Do you think of yourself more as a scientist or a teacher?
When I was in high school and college, public speaking terrified me. I was one of those kids, if you were in a group and you went around to introduce yourself, my heart would beat fast just to say my name. But I really cared about encouraging women in science, so in grad school I asked to be a teaching assistant for introductory physics, which at Caltech, only the professors teach. So I had to convince them. It’s funny, because I was so terrified of teaching, but they didn’t have any women professors in the physics department at the time, and I thought it was so important. I ended up loving it. At first it was connected to convincing both the young women and the young men that women could be scientists by just being visible. Today I do all my teaching at the undergrad level, the very first introductory classes, because that’s where the role model piece has the biggest impact. I still see myself first and foremost as a scientist, but I’ve come to appreciate the power of teaching now more than ever because we rely on the next generation to think independently and have hard, complex discussions.

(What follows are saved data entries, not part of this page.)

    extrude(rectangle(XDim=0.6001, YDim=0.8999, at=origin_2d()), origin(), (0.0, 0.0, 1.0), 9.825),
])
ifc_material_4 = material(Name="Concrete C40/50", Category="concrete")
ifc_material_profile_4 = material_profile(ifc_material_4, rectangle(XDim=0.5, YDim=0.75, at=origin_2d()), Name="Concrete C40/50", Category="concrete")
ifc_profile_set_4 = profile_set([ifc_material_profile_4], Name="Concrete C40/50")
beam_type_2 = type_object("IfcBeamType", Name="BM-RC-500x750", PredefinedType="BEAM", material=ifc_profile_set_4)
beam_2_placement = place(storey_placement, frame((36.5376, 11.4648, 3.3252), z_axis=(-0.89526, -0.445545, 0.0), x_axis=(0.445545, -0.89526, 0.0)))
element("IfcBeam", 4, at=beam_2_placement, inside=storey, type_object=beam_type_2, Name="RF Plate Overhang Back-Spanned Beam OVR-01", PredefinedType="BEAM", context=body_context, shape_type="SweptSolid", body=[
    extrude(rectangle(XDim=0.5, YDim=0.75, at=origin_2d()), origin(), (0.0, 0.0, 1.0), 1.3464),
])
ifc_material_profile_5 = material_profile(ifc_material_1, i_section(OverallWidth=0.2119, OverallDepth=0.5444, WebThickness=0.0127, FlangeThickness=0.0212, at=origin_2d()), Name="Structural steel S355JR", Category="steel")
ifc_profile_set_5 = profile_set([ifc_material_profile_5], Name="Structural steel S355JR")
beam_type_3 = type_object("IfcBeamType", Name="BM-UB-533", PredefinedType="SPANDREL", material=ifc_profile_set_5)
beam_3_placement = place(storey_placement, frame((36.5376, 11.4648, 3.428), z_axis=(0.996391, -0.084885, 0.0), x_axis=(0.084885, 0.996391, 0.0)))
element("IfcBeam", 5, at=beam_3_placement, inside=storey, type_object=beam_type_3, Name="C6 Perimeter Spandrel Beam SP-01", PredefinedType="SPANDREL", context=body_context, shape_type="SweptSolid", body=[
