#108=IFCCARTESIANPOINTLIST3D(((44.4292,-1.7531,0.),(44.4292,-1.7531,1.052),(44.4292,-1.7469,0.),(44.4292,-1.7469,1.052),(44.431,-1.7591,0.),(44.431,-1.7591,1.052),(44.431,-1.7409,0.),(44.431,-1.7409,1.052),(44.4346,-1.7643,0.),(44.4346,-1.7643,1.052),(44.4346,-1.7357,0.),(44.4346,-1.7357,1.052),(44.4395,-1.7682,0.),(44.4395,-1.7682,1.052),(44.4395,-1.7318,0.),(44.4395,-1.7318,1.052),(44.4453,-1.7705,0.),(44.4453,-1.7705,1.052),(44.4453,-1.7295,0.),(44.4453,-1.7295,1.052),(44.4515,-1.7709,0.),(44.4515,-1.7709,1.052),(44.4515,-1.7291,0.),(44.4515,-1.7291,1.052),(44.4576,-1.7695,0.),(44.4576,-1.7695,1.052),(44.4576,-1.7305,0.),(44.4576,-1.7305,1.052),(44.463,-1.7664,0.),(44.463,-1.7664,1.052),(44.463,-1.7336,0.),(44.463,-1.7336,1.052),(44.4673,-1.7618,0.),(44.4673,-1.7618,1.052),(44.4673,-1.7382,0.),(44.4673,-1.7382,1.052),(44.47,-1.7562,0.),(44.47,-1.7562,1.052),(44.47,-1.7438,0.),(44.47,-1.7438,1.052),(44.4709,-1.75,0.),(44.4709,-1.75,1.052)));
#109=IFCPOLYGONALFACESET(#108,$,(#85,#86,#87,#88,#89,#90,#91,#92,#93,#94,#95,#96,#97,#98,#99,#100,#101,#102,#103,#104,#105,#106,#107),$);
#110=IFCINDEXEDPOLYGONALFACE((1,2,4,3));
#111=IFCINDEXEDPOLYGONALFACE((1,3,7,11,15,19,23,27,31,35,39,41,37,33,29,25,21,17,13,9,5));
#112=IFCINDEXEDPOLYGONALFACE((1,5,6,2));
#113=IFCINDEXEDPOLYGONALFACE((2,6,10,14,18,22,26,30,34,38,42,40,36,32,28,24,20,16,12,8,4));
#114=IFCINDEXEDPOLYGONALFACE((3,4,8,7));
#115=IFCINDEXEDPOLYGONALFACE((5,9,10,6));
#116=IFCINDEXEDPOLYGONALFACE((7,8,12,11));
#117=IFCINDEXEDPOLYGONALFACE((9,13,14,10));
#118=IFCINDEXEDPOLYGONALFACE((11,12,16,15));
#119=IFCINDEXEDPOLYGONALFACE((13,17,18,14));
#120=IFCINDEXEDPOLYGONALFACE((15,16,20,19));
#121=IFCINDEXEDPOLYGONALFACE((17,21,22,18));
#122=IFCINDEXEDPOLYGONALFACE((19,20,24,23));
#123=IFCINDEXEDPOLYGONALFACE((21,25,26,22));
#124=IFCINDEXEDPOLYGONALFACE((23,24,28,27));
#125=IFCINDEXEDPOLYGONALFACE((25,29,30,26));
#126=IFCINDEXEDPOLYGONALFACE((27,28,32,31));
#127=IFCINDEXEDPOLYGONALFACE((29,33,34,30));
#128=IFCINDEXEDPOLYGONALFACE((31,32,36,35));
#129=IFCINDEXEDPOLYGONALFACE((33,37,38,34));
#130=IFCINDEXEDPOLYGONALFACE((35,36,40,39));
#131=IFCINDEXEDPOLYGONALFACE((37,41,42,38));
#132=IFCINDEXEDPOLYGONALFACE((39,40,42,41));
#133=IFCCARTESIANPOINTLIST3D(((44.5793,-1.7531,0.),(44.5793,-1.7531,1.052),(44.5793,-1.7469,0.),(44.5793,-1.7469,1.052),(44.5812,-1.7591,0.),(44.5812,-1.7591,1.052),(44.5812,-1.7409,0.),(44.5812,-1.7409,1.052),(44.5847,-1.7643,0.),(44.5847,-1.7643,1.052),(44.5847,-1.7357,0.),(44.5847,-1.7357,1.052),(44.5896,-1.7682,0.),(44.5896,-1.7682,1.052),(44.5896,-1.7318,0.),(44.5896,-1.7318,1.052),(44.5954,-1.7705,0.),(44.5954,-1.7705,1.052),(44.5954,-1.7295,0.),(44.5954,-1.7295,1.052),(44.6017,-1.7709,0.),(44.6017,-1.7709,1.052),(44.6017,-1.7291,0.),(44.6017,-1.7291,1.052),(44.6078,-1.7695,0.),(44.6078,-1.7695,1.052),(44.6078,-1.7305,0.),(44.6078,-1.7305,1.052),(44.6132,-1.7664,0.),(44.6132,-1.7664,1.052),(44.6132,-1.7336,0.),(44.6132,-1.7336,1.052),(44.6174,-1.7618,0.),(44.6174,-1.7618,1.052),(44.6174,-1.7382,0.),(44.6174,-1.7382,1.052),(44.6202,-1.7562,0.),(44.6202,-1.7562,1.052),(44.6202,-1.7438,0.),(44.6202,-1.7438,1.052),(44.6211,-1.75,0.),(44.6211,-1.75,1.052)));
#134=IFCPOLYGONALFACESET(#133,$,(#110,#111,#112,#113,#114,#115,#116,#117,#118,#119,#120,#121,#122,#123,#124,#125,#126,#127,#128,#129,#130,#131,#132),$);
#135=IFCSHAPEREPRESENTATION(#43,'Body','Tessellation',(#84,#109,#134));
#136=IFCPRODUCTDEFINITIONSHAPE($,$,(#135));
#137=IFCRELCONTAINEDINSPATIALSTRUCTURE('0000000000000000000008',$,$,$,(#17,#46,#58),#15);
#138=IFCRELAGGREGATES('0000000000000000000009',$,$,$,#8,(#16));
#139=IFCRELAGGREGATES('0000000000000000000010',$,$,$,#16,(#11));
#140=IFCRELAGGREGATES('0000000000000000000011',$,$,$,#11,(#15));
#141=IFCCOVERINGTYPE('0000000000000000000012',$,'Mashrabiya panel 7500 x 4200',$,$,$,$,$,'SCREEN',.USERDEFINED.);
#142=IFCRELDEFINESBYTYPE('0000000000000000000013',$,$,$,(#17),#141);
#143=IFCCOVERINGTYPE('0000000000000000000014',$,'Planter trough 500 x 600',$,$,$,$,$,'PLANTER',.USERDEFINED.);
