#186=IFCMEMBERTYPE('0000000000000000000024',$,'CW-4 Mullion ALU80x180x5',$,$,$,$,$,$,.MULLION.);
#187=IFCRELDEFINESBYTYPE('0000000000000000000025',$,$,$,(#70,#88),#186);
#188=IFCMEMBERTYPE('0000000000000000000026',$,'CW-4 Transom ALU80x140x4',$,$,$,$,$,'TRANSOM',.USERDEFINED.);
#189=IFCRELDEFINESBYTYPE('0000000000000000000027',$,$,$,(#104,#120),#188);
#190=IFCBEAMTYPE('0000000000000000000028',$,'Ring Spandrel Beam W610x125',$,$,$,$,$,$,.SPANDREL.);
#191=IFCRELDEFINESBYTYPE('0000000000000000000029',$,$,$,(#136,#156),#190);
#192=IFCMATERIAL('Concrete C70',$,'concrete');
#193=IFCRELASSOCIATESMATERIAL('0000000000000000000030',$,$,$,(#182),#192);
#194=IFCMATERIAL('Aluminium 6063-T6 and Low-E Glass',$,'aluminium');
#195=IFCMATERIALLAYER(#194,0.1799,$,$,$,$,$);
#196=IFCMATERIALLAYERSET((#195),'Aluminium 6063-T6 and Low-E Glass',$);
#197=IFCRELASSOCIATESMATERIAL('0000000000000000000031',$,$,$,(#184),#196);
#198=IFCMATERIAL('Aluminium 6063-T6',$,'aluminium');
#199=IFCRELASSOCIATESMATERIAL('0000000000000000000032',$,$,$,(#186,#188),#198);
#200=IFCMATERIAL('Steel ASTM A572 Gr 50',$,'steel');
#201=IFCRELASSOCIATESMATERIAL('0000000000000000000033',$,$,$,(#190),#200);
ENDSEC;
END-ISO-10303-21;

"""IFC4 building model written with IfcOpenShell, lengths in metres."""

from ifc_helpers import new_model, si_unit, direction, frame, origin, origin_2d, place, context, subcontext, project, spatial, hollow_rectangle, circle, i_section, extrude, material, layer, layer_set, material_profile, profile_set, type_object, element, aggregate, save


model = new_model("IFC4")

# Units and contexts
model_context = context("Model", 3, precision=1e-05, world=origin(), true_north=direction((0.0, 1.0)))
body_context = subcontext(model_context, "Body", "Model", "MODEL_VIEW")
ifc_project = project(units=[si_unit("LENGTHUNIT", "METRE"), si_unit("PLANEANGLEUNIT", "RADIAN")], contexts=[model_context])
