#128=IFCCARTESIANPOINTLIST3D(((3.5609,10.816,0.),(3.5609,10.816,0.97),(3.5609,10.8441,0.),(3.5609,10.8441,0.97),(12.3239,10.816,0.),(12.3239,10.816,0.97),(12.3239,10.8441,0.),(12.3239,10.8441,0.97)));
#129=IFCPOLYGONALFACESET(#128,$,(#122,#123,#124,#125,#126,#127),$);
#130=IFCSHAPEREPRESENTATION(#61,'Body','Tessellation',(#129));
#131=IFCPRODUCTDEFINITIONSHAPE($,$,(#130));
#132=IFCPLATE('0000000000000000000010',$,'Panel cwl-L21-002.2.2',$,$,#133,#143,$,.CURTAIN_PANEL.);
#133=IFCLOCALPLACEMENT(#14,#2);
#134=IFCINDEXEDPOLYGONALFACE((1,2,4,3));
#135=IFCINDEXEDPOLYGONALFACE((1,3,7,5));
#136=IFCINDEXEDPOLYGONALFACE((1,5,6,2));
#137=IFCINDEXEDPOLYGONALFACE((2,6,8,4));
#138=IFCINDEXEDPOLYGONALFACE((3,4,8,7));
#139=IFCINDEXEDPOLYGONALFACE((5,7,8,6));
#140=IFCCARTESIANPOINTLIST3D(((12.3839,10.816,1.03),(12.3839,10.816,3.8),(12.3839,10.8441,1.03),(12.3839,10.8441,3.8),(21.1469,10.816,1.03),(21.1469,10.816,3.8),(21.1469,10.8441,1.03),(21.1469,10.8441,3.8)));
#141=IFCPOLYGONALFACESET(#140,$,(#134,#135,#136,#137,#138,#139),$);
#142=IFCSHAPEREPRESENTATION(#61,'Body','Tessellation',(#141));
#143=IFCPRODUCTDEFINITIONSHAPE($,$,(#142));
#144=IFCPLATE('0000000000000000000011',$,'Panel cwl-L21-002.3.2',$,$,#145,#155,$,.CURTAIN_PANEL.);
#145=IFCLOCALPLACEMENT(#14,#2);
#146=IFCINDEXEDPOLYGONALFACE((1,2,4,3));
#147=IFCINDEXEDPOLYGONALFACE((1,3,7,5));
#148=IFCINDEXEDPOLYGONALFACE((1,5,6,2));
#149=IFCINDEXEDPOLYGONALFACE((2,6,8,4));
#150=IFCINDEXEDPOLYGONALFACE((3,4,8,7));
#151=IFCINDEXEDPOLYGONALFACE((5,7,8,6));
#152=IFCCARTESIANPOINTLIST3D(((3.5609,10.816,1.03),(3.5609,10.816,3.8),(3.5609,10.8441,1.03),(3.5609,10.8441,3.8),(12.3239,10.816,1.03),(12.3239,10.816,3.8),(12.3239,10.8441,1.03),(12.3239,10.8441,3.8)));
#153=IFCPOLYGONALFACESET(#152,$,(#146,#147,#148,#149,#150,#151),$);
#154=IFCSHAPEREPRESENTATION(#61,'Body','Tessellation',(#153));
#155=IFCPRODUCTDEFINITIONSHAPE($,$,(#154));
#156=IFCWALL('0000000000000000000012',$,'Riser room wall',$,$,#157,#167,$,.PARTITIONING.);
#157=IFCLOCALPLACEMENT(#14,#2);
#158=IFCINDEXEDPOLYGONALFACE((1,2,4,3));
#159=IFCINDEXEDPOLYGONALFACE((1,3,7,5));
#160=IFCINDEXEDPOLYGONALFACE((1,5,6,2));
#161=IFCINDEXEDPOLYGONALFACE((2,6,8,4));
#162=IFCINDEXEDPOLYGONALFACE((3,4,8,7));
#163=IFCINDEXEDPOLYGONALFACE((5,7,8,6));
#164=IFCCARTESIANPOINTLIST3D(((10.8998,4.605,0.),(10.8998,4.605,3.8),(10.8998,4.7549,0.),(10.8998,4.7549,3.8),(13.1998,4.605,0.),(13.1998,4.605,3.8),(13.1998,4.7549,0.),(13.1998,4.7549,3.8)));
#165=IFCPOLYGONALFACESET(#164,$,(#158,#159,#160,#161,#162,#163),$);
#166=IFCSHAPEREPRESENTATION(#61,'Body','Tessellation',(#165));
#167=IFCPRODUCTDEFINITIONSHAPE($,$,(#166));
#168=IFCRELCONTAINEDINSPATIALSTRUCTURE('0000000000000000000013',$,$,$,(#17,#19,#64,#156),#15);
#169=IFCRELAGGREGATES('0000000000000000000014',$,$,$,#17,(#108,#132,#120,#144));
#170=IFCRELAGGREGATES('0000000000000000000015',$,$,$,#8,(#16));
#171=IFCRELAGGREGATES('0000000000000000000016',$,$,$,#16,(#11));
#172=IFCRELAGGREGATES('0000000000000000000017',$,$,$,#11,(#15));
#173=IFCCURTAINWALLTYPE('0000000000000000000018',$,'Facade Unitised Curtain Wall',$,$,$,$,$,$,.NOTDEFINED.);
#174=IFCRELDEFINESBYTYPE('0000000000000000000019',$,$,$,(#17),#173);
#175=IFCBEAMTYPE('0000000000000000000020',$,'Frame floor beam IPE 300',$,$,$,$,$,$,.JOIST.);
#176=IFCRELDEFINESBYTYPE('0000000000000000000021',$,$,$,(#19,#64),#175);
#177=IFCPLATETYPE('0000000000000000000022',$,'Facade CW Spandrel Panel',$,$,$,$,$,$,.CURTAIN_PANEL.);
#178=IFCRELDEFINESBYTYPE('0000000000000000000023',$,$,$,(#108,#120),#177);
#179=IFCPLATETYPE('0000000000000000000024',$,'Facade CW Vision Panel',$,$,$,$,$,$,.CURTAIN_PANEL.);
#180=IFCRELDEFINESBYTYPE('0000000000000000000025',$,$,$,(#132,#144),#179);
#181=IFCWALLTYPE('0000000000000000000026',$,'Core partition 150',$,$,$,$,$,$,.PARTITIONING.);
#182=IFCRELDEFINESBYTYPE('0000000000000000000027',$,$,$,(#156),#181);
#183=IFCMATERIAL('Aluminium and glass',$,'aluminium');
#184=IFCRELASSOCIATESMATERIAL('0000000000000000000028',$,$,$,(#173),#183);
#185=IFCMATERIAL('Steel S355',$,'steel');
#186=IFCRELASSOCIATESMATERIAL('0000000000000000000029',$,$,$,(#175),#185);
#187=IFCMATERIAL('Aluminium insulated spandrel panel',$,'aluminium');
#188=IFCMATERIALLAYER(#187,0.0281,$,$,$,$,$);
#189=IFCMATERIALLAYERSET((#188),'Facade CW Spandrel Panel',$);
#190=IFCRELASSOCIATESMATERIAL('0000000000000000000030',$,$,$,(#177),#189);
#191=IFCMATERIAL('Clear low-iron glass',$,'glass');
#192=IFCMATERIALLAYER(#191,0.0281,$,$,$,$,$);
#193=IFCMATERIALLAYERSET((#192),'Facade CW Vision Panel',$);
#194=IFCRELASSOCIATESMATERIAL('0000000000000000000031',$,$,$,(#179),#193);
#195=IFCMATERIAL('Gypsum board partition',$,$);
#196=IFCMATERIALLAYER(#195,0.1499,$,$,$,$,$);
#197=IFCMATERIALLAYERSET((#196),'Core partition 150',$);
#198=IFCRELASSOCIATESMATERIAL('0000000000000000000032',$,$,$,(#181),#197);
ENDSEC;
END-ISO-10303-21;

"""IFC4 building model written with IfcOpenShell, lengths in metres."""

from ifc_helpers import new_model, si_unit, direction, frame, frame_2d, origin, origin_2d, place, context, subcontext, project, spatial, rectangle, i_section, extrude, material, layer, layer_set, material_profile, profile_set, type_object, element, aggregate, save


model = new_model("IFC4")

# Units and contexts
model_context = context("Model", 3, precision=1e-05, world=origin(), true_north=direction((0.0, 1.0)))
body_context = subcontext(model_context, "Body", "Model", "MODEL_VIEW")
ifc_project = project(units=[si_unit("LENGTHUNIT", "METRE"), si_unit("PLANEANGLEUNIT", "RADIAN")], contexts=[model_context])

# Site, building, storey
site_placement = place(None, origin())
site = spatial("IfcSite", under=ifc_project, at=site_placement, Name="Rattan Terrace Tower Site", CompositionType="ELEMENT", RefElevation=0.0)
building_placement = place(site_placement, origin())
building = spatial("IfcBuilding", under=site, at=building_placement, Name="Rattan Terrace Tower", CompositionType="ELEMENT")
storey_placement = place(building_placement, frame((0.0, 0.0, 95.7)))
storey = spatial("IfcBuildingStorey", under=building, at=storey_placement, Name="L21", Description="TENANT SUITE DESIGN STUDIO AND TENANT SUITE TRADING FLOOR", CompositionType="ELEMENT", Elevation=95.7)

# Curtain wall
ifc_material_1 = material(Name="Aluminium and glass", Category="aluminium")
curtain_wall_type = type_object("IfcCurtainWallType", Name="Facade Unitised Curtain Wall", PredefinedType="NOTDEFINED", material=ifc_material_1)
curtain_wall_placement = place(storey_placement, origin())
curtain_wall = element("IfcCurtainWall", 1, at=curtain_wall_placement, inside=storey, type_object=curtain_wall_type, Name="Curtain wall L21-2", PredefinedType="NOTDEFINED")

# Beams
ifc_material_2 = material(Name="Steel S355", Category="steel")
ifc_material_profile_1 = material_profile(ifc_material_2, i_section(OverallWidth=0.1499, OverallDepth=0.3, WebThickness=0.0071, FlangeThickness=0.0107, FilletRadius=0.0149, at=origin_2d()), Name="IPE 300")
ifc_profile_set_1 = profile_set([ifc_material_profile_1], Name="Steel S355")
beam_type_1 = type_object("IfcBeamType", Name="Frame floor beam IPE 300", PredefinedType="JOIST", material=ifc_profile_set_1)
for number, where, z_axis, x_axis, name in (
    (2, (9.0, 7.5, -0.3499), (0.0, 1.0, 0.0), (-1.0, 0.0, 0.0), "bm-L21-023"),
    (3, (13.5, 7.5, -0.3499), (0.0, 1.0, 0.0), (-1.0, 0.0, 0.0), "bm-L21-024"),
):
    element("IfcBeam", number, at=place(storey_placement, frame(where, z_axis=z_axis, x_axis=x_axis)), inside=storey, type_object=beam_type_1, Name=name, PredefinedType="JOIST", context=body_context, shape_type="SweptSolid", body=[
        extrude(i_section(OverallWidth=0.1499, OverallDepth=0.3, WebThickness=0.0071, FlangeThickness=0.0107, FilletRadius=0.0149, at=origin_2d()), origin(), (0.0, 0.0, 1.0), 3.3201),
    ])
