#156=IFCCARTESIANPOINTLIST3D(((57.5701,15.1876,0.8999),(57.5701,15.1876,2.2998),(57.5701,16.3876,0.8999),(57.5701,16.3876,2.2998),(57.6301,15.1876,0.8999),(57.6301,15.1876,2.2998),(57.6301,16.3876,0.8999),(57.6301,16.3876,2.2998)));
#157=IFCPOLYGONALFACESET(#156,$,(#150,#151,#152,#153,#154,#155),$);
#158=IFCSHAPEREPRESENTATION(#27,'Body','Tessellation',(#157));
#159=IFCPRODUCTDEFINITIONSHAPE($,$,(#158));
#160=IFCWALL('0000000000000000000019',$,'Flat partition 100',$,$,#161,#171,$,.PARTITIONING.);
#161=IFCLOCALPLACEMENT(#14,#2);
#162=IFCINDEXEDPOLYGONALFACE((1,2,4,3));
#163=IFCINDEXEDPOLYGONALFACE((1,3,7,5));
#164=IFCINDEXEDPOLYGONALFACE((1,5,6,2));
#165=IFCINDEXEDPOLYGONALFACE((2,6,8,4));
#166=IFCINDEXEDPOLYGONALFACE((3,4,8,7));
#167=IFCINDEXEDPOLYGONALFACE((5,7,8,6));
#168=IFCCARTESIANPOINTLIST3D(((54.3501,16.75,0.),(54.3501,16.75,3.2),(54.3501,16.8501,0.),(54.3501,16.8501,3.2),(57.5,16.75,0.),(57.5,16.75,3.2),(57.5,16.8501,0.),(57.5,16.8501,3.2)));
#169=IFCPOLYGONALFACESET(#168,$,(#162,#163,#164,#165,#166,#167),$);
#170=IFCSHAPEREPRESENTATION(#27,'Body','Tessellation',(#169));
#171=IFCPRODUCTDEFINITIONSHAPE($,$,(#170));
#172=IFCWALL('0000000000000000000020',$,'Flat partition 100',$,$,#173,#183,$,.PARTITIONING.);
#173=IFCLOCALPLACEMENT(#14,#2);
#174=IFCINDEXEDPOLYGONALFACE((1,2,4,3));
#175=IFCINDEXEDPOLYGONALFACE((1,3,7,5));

I understand that you wanted to be an astronaut when you were a kid. Why do you think you ended up exploring space in a different way?
The early moon landings inspired me, that’s true. It got me thinking about the scale of the universe and the concept of infinity. But quite frankly I had no idea what I wanted to do. There was a stage I wanted to be a dancer. I went to college thinking I wanted to be a math major. It’s important for kids to realize that not everyone knows what they want to do in the beginning. So many kids feel the pressure to understand where they’re going. For some, it is really clear, but for others it’s a random walk, and it’s continually evolving. It’s almost like asking a scientist, what’s your next research question going to be? I have no idea. You just keep pursuing and trying to figure out what you enjoy doing and how you’re going to put all these pieces together. But it's so important to keep trying new things because you never know what you’re going to enjoy.